Um analista disse à BBC que outra alternativa para o ANC seria convidar negociações com partidos da oposição.
Os sul-africanos não votam diretamente para presidente. Em vez disso, elegem membros do parlamento que escolherão o presidente.
Os resultados mostraram que o ANC sofreu pesadas perdas para o MK, especialmente em KwaZulu-Natal, onde o partido de Zuma lidera com 43% dos votos contra 21% do ANC.
Zuma causou uma grande surpresa quando anunciou em Dezembro que estava a deixar o ANC para fazer campanha pelo MK.
KwaZulu-Natal é a região natal de Zuma e a província com a segunda maior percentagem de votos, o que a torna crucial para determinar se o ANC manterá a sua maioria parlamentar.
Embora Zuma tenha sido impedido de concorrer ao parlamento devido a desrespeito à condenação judicial, o seu nome ainda apareceu no boletim de voto como líder do MK.
Um responsável eleitoral em Joanesburgo disse à BBC que as filas lembravam as históricas eleições de 1994, quando os negros foram autorizados a votar pela primeira vez.

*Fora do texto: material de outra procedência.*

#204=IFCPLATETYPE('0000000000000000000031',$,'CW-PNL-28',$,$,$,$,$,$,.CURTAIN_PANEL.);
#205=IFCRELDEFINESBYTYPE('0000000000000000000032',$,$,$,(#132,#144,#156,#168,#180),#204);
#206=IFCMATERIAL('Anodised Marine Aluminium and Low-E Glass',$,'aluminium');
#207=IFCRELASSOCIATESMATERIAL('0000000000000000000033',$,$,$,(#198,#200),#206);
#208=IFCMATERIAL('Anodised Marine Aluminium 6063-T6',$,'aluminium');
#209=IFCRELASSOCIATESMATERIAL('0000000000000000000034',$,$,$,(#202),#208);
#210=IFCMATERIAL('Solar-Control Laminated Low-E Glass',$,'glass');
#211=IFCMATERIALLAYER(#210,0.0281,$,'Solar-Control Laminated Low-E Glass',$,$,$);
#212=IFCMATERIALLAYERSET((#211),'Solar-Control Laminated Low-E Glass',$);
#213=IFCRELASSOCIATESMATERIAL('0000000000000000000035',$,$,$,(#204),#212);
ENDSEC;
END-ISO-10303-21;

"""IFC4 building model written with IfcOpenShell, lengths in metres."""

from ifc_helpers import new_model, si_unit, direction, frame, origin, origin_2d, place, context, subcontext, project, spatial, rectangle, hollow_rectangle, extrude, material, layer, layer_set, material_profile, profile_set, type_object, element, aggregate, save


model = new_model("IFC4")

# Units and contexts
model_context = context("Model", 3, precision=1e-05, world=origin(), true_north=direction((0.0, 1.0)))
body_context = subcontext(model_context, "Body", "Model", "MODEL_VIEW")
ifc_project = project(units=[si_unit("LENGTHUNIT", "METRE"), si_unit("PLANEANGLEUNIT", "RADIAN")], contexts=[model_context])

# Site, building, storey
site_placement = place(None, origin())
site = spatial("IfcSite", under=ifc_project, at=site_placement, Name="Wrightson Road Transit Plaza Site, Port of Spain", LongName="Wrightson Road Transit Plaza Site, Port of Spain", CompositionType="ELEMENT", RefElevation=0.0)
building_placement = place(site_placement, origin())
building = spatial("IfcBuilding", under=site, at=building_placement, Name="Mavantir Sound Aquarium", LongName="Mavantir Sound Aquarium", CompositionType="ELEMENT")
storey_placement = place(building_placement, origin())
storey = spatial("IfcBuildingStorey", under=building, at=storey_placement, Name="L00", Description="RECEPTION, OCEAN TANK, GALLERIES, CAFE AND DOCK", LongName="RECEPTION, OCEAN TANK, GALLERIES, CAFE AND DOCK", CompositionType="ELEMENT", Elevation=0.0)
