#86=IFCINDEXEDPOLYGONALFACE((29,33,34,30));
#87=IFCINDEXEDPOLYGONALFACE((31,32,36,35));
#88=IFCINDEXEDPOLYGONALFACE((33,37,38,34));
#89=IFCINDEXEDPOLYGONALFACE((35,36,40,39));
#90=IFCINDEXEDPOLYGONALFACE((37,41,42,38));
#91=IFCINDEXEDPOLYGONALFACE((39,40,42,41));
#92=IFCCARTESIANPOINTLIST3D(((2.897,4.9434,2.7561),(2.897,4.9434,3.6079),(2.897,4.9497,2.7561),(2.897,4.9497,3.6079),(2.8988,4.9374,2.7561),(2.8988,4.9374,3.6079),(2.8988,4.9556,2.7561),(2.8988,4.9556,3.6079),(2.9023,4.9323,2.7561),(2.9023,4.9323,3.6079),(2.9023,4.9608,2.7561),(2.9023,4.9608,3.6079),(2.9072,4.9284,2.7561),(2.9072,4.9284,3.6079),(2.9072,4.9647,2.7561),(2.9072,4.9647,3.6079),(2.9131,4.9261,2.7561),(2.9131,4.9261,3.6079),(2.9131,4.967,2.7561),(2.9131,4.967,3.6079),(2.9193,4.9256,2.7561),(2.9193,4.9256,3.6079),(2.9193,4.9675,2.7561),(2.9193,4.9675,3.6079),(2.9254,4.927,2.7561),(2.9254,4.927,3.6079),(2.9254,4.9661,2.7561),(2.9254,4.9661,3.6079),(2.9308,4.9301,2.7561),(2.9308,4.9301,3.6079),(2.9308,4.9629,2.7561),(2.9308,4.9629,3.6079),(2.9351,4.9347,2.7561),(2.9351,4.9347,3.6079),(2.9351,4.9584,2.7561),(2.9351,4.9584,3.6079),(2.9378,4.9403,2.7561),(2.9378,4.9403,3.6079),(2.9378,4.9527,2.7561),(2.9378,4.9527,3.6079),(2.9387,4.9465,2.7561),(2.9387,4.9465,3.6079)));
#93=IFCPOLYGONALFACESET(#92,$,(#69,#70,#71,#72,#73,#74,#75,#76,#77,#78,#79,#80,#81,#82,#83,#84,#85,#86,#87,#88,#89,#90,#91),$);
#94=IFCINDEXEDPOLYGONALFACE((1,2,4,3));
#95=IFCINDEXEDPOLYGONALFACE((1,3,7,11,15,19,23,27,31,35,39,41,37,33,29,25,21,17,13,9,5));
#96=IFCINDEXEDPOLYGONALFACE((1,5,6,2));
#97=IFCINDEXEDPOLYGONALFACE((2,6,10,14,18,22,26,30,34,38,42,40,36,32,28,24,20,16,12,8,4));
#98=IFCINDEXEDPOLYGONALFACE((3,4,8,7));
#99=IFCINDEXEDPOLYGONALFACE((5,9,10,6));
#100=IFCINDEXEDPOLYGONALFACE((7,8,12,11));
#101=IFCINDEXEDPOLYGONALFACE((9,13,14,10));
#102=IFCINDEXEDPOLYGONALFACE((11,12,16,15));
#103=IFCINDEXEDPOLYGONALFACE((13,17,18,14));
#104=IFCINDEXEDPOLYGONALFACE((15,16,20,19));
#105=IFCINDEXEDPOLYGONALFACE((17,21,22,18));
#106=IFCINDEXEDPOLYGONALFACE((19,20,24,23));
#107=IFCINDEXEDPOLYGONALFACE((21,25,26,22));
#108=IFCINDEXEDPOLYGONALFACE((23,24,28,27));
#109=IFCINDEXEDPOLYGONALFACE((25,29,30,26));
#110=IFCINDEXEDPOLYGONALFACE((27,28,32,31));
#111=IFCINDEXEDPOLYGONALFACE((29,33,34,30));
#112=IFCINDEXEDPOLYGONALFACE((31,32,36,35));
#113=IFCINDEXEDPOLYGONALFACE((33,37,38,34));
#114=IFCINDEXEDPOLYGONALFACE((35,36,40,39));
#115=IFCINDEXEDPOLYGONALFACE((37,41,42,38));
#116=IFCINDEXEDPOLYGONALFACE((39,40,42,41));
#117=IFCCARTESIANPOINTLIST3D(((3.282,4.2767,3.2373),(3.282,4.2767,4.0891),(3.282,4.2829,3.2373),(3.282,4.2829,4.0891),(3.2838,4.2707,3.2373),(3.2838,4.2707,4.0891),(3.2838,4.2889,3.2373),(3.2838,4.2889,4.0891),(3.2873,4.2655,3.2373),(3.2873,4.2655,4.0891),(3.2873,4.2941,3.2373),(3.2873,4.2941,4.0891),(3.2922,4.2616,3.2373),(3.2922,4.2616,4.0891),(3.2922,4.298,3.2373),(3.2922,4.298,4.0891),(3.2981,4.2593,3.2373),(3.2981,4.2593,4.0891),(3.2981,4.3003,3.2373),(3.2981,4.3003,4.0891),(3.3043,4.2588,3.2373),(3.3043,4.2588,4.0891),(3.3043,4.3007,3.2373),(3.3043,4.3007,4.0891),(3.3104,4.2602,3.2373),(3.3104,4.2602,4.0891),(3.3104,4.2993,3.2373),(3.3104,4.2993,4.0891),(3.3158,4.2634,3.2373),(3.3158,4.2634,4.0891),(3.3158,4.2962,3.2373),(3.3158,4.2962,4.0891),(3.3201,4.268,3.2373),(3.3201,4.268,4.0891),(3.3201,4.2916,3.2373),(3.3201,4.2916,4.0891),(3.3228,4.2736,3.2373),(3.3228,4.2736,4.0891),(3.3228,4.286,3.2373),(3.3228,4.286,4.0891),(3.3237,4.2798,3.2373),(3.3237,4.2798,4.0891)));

Sifiso Buthelezi, que votou no Joubert Park de Joanesburgo – o maior colégio eleitoral da África do Sul – disse à BBC: “A liberdade é ótima, mas precisamos de combater a corrupção”.
A mudança tem sido um sentimento recorrente, especialmente entre os eleitores mais jovens.
“A participação deles foi grande e votaram contra a ANC”, diz o professor Gumede.
Ayanda Hlekwane, membro da chamada geração “nascida livre” da África do Sul, o que significa que nasceu depois de 1994, disse que apesar de ter três diplomas, ainda não tem emprego.
“Estou trabalhando na minha proposta de doutorado para poder voltar a estudar se não conseguir um emprego”, disse ele à BBC em Durban.
Mas Hlekwane disse estar optimista quanto à possibilidade de as coisas mudarem.
O apoio ao ANC é maior entre a geração mais velha.
Uma mulher de 89 anos, Elayne Dykman, disse à BBC que espera que os jovens na África do Sul não considerem o seu voto garantido.
Um recorde de 70 partidos e 11 independentes competiram, com os sul-africanos a votarem num novo parlamento e em nove legislaturas provinciais.
A DA assinou um pacto com dez deles, concordando em formar um governo de coligação se obtivessem votos suficientes para remover o ANC do poder.
Mas isto é altamente improvável, prevendo-se que o ANC continue a ser o maior partido, colocando-o numa posição privilegiada para liderar uma coligação.